Morphological analysis using Igo + mecab-ipadic-neologd in Python (with Ruby bonus)

Introduction

I would like to do morphological analysis with Python. This time, we will use "Igo" as the morphological analyzer and "mecab-ipadic-neologd" as the dictionary.

Morphological analysis is to perform "word division" and "part of speech assignment".

First, I will explain Igo and mecab-ipadic-neologd, and then set it up so that it can actually be used in Python.

What is Igo?

Since "Mecab" is famous as a morphological analysis engine, many of you may have heard of it. This time I will use "Igo". "Mecab" is written in C language, and "Igo" seems to be made in java. "Igo" seems to be designed to return the same analysis results as Mecab. Compared with speed, it seems to move at about the same speed. It seems that it may be difficult to use because you have to build the "Mecab" binary, so I decided to use "Igo".

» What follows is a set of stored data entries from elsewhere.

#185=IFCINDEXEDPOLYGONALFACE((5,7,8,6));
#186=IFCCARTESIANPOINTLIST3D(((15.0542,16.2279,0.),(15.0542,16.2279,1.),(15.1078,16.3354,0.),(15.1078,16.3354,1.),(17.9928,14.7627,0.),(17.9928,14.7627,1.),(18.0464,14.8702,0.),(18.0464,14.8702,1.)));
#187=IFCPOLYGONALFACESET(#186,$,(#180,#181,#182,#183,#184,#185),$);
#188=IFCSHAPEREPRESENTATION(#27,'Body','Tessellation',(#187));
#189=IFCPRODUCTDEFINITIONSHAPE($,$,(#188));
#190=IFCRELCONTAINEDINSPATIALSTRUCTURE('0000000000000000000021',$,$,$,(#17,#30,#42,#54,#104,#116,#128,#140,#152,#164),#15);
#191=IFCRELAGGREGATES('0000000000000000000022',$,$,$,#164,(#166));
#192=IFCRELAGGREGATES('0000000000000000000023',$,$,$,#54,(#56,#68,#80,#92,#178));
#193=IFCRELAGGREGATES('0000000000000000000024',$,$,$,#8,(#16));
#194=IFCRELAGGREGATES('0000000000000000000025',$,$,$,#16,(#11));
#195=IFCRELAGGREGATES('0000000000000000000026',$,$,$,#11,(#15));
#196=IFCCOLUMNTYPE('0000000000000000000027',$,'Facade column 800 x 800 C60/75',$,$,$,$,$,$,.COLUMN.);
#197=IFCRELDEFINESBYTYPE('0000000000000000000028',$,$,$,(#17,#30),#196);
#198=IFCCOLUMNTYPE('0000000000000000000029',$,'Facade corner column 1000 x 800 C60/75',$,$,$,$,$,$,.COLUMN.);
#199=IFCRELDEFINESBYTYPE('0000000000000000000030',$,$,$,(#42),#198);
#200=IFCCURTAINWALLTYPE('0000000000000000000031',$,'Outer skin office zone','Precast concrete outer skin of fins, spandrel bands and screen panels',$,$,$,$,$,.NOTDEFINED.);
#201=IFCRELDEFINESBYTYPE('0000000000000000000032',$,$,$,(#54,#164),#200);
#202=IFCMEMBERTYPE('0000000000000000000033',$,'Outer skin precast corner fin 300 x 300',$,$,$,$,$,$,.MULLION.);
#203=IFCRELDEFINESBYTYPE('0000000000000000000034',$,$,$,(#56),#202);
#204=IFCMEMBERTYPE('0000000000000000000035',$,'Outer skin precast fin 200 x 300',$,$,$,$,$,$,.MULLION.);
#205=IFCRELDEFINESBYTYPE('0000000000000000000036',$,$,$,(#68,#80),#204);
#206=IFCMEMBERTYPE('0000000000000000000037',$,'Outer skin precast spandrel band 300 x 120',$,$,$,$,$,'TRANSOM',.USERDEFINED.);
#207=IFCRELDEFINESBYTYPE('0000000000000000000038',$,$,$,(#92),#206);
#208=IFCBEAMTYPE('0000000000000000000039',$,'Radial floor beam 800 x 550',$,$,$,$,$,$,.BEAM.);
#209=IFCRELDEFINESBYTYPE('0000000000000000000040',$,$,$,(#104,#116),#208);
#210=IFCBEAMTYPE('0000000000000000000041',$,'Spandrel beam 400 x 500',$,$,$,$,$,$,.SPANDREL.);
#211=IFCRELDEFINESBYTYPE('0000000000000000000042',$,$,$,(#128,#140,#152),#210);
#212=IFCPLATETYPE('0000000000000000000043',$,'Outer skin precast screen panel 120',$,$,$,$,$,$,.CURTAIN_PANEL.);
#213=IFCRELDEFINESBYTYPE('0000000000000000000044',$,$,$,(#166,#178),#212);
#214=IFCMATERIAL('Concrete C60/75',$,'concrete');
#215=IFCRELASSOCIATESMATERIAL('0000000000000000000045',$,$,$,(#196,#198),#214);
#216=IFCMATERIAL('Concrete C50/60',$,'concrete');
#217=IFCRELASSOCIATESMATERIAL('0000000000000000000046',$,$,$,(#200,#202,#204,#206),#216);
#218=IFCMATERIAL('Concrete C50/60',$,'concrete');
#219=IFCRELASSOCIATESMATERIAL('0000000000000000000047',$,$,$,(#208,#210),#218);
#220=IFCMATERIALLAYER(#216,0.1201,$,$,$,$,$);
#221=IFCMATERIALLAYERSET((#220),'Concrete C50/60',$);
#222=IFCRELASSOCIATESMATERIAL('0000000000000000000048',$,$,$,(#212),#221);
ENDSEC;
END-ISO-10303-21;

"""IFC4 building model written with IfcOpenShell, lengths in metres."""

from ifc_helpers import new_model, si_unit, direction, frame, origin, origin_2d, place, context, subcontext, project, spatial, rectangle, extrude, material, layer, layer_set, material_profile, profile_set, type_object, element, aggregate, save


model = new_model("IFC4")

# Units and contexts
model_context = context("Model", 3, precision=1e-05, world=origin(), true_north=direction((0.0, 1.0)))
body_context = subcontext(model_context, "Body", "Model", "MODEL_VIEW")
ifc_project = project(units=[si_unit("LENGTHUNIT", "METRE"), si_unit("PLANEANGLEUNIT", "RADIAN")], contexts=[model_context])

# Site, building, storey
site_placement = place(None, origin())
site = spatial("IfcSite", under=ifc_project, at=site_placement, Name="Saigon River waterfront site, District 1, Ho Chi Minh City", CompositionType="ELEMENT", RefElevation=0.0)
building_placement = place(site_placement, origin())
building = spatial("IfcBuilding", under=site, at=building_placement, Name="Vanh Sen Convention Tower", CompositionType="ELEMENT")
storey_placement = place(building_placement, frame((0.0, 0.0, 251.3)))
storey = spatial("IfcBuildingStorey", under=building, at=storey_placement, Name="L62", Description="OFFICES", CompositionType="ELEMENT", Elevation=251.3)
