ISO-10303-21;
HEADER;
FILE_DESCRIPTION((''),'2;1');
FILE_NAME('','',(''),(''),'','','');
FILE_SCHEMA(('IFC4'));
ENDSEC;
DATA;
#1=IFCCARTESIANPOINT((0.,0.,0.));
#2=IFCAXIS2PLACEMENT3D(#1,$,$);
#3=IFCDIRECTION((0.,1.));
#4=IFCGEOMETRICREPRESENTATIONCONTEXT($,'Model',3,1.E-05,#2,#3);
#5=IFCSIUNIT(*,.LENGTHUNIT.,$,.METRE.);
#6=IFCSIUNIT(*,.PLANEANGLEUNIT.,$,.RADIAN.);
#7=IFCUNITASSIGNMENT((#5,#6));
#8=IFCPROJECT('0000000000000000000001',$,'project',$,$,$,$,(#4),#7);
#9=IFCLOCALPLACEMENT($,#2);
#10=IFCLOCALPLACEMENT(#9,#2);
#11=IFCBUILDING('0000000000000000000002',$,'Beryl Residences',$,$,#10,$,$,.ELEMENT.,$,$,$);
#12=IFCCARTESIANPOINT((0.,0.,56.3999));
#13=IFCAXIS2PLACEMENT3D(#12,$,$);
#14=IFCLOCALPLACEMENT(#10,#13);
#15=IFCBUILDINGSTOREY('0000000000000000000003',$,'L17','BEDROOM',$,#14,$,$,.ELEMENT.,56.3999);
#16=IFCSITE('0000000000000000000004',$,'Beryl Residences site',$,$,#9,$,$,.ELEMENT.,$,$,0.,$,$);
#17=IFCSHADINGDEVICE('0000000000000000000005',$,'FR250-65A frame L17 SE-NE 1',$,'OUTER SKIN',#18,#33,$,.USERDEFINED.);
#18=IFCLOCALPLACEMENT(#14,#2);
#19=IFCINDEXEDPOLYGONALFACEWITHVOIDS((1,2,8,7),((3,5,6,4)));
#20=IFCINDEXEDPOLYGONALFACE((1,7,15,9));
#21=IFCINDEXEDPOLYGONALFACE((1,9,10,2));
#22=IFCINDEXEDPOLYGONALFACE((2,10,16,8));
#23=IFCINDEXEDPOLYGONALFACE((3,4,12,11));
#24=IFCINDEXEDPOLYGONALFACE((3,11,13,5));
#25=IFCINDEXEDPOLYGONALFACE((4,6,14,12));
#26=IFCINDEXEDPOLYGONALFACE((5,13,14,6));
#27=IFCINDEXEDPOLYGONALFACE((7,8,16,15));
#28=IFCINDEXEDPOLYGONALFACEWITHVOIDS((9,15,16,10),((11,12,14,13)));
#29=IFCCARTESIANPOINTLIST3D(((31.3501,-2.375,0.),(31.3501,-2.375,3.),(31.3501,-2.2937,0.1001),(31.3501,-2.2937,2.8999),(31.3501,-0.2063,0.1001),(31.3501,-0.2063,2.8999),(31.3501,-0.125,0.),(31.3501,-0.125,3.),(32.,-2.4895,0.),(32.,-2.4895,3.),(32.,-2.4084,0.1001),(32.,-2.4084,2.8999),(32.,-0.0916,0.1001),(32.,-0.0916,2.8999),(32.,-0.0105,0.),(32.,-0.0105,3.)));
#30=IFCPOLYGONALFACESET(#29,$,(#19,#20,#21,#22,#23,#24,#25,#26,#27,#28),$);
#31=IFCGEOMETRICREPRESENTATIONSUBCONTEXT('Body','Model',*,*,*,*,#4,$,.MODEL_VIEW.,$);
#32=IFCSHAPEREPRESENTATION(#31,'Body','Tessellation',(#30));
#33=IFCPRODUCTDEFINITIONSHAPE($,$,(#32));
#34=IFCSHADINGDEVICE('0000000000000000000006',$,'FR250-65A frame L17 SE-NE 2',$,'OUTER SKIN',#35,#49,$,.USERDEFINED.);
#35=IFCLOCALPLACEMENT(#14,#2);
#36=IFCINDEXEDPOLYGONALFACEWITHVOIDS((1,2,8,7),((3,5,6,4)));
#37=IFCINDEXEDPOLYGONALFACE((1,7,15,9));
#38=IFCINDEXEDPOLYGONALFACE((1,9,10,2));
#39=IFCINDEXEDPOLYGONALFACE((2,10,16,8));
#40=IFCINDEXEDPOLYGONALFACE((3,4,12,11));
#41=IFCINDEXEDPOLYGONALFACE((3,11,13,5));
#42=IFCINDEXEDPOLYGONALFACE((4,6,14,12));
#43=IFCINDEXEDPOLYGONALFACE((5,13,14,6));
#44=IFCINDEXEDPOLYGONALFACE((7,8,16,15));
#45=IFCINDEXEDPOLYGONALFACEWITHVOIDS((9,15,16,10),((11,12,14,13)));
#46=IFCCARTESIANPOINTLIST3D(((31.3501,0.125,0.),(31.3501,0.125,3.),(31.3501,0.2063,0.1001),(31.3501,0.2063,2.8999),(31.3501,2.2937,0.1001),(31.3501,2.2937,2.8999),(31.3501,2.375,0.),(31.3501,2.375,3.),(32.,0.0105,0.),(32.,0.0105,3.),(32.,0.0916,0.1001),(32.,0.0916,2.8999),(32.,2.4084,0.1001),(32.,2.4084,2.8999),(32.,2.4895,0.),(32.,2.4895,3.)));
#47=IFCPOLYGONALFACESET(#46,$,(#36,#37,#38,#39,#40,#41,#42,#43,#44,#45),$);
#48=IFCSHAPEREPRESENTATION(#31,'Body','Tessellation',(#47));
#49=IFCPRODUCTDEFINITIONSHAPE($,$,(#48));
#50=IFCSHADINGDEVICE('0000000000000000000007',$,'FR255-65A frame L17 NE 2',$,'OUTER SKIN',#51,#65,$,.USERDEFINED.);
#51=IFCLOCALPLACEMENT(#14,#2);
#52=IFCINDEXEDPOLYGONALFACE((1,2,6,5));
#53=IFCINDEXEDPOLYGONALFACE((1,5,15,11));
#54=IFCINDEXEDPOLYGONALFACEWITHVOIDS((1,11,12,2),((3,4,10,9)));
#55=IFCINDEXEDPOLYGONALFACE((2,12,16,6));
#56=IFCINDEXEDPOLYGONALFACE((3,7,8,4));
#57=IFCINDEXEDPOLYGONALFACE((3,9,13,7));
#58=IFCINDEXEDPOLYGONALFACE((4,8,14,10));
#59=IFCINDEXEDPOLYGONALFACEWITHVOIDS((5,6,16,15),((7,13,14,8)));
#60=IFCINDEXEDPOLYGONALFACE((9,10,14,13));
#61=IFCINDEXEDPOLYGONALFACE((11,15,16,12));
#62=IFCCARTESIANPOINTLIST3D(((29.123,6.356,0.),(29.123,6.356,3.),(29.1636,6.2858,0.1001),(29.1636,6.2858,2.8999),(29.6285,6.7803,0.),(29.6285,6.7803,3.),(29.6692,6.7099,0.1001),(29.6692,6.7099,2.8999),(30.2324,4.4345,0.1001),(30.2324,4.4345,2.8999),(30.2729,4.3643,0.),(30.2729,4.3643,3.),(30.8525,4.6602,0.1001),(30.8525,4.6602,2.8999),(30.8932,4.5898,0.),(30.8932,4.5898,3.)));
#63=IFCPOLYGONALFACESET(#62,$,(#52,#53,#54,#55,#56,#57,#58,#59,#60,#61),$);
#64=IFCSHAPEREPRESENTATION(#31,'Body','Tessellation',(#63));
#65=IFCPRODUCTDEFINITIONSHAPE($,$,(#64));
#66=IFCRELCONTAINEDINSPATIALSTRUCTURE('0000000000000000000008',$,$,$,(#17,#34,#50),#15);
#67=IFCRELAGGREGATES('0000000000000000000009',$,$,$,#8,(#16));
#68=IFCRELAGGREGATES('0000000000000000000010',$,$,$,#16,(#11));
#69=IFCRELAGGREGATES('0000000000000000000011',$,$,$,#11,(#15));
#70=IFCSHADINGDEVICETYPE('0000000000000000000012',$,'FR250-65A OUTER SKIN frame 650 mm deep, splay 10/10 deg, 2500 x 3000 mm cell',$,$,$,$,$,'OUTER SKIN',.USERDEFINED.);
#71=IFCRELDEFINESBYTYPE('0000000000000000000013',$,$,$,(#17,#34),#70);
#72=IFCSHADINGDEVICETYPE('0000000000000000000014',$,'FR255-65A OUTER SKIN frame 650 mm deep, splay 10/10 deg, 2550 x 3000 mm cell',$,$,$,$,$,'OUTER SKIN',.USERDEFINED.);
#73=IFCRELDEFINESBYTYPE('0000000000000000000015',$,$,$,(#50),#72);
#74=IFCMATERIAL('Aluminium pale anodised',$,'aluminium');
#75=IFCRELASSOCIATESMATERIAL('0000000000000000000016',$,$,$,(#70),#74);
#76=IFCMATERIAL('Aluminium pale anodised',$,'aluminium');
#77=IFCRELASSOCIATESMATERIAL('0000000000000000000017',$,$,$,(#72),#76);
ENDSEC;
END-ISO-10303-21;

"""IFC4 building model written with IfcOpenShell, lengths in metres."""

from ifc_helpers import new_model, entity, si_unit, direction, frame, origin, place, context, subcontext, project, spatial, source, transform, mapped, material, type_object, type_shapes, element, save


model = new_model("IFC4")

# Units and contexts
model_context = context("Model", 3, precision=1e-05, world=origin(), true_north=direction((0.0, 1.0)))
body_context = subcontext(model_context, "Body", "Model", "MODEL_VIEW")
ifc_project = project(units=[si_unit("LENGTHUNIT", "METRE"), si_unit("PLANEANGLEUNIT", "RADIAN")], contexts=[model_context])

# Site, building, storey
site_placement = place(None, origin())
site = spatial("IfcSite", under=ifc_project, at=site_placement, Name="Beryl Residences site", CompositionType="ELEMENT", RefElevation=0.0)
building_placement = place(site_placement, origin())
building = spatial("IfcBuilding", under=site, at=building_placement, Name="Beryl Residences", CompositionType="ELEMENT")
storey_placement = place(building_placement, frame((0.0, 0.0, 56.3999)))
storey = spatial("IfcBuildingStorey", under=building, at=storey_placement, Name="L17", Description="BEDROOM", CompositionType="ELEMENT", Elevation=56.3999)

# Shading devices
ifc_material_1 = material(Name="Aluminium pale anodised", Category="aluminium")
shading_device_type_1 = type_object("IfcShadingDeviceType", Name="FR250-65A OUTER SKIN frame 650 mm deep, splay 10/10 deg, 2500 x 3000 mm cell", ElementType="OUTER SKIN", PredefinedType="USERDEFINED", material=ifc_material_1)
cartesian_point_1 = entity("IfcCartesianPoint", [-1.125, 0.0])
cartesian_point_2 = entity("IfcCartesianPoint", [-1.0437, 0.1001])
cartesian_point_3 = entity("IfcCartesianPoint", [-1.2395, 0.0])
cartesian_point_4 = entity("IfcCartesianPoint", [-1.1584, 0.1001])
shared_shape_1 = source(origin(), body_context, "Body", "SweptSolid", [
    entity("IfcExtrudedAreaSolidTapered", entity("IfcArbitraryProfileDefWithVoids", "AREA", None, entity("IfcPolyline", [cartesian_point_1, entity("IfcCartesianPoint", [1.125, 0.0]), entity("IfcCartesianPoint", [1.125, 3.0]), entity("IfcCartesianPoint", [-1.125, 3.0]), cartesian_point_1]), [entity("IfcPolyline", [cartesian_point_2, entity("IfcCartesianPoint", [1.0437, 0.1001]), entity("IfcCartesianPoint", [1.0437, 2.8999]), entity("IfcCartesianPoint", [-1.0437, 2.8999]), cartesian_point_2])]), entity("IfcAxis2Placement3D", entity("IfcCartesianPoint", [0.0, 0.0, 0.0]), entity("IfcDirection", [0.0, 1.0, 0.0]), entity("IfcDirection", [-1.0, 0.0, 0.0])), entity("IfcDirection", [0.0, 0.0, 1.0]), 0.6499, entity("IfcArbitraryProfileDefWithVoids", "AREA", None, entity("IfcPolyline", [cartesian_point_3, entity("IfcCartesianPoint", [1.2395, 0.0]), entity("IfcCartesianPoint", [1.2395, 3.0]), entity("IfcCartesianPoint", [-1.2395, 3.0]), cartesian_point_3]), [entity("IfcPolyline", [cartesian_point_4, entity("IfcCartesianPoint", [1.1584, 0.1001]), entity("IfcCartesianPoint", [1.1584, 2.8999]), entity("IfcCartesianPoint", [-1.1584, 2.8999]), cartesian_point_4])])),
])
type_shapes(shading_device_type_1, [shared_shape_1])
for number, where, z_axis, x_axis, name in (
    (1, (31.3501, -1.25, 0.0), (0.0, 0.0, 1.0), (0.0, -1.0, 0.0), "FR250-65A frame L17 SE-NE 1"),
    (2, (31.3501, 1.25, 0.0), (0.0, 0.0, 1.0), (0.0, -1.0, 0.0), "FR250-65A frame L17 SE-NE 2"),
):
    element("IfcShadingDevice", number, at=place(storey_placement, frame(where, z_axis=z_axis, x_axis=x_axis)), inside=storey, type_object=shading_device_type_1, Name=name, ObjectType="OUTER SKIN", PredefinedType="USERDEFINED", context=body_context, shape_type="MappedRepresentation", body=[
        mapped(shared_shape_1, transform((0.0, 0.0, 0.0))),
    ])
ifc_material_2 = material(Name="Aluminium pale anodised", Category="aluminium")
shading_device_type_2 = type_object("IfcShadingDeviceType", Name="FR255-65A OUTER SKIN frame 650 mm deep, splay 10/10 deg, 2550 x 3000 mm cell", ElementType="OUTER SKIN", PredefinedType="USERDEFINED", material=ifc_material_2)
cartesian_point_5 = entity("IfcCartesianPoint", [-1.1499, 0.0])
cartesian_point_6 = entity("IfcCartesianPoint", [-1.0688, 0.1001])
cartesian_point_7 = entity("IfcCartesianPoint", [-1.2646, 0.0])
cartesian_point_8 = entity("IfcCartesianPoint", [-1.1833, 0.1001])
shared_shape_2 = source(origin(), body_context, "Body", "SweptSolid", [
    entity("IfcExtrudedAreaSolidTapered", entity("IfcArbitraryProfileDefWithVoids", "AREA", None, entity("IfcPolyline", [cartesian_point_5, entity("IfcCartesianPoint", [1.1499, 0.0]), entity("IfcCartesianPoint", [1.1499, 3.0]), entity("IfcCartesianPoint", [-1.1499, 3.0]), cartesian_point_5]), [entity("IfcPolyline", [cartesian_point_6, entity("IfcCartesianPoint", [1.0688, 0.1001]), entity("IfcCartesianPoint", [1.0688, 2.8999]), entity("IfcCartesianPoint", [-1.0688, 2.8999]), cartesian_point_6])]), entity("IfcAxis2Placement3D", entity("IfcCartesianPoint", [0.0, 0.0, 0.0]), entity("IfcDirection", [0.0, 1.0, 0.0]), entity("IfcDirection", [-1.0, 0.0, 0.0])), entity("IfcDirection", [0.0, 0.0, 1.0]), 0.6499, entity("IfcArbitraryProfileDefWithVoids", "AREA", None, entity("IfcPolyline", [cartesian_point_7, entity("IfcCartesianPoint", [1.2646, 0.0]), entity("IfcCartesianPoint", [1.2646, 3.0]), entity("IfcCartesianPoint", [-1.2646, 3.0]), cartesian_point_7]), [entity("IfcPolyline", [cartesian_point_8, entity("IfcCartesianPoint", [1.1833, 0.1001]), entity("IfcCartesianPoint", [1.1833, 2.8999]), entity("IfcCartesianPoint", [-1.1833, 2.8999]), cartesian_point_8])])),
])
type_shapes(shading_device_type_2, [shared_shape_2])
shading_device_placement = place(storey_placement, frame((29.698, 5.3601, 0.0), z_axis=(0.0, 0.0, 1.0), x_axis=(0.5, -0.866025, 0.0)))
element("IfcShadingDevice", 3, at=shading_device_placement, inside=storey, type_object=shading_device_type_2, Name="FR255-65A frame L17 NE 2", ObjectType="OUTER SKIN", PredefinedType="USERDEFINED", context=body_context, shape_type="MappedRepresentation", body=[
    mapped(shared_shape_2, transform((0.0, 0.0, 0.0))),
])

save(model, "model.ifc")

What is mecab-ipadic-neologd?

An important element of morphological analysis is the "dictionary". The link below explains the mechanism of morphological analysis (Mecab in this case) for your reference. Peek behind the scenes of Japanese morphological analysis! How MeCab Parses Morphological Analysis

When there is a sentence "living in Tokyo", you can feel that it cannot be analyzed well unless each word of "living in Tokyo, capital," is registered.

Also, for example, whether "Sazae-san" is recognized as "Sazae-san (title)" or "Sazae-san (personal name) + san (honorific title)" is determined by the presence of "Sazae-san" in the dictionary. Therefore, it is important that "Sazae-san" is registered in the dictionary in the sentence "Did you see Sazae-san yesterday? It was interesting."

For "Igo", I build and use Mecab's IPA dictionary for Igo, but I'm missing proper nouns. "Mecab-ipadic-neologd" supplements that. "Mecab-ipadic-neologd" records notations such as proper nouns that cannot be covered by the Mecab standard. In addition, the dictionary is updated twice a week and the latest words are updated, which is useful.

setup

$ pip install igo-python

You can now use Igo via Python.

neologd clone

git clone https://github.com/neologd/mecab-ipadic-neologd

Since neologd is a dictionary for mecab, it is necessary to build it for Igo so that it can be used with Igo.

For neologd, the following will be helpful. mecab-ipadic-neologd

Build dictionary for Igo

Download ʻigo-0.4.5.jar` from the Igo page. neologd is a dictionary for Mecab, so build it for Igo.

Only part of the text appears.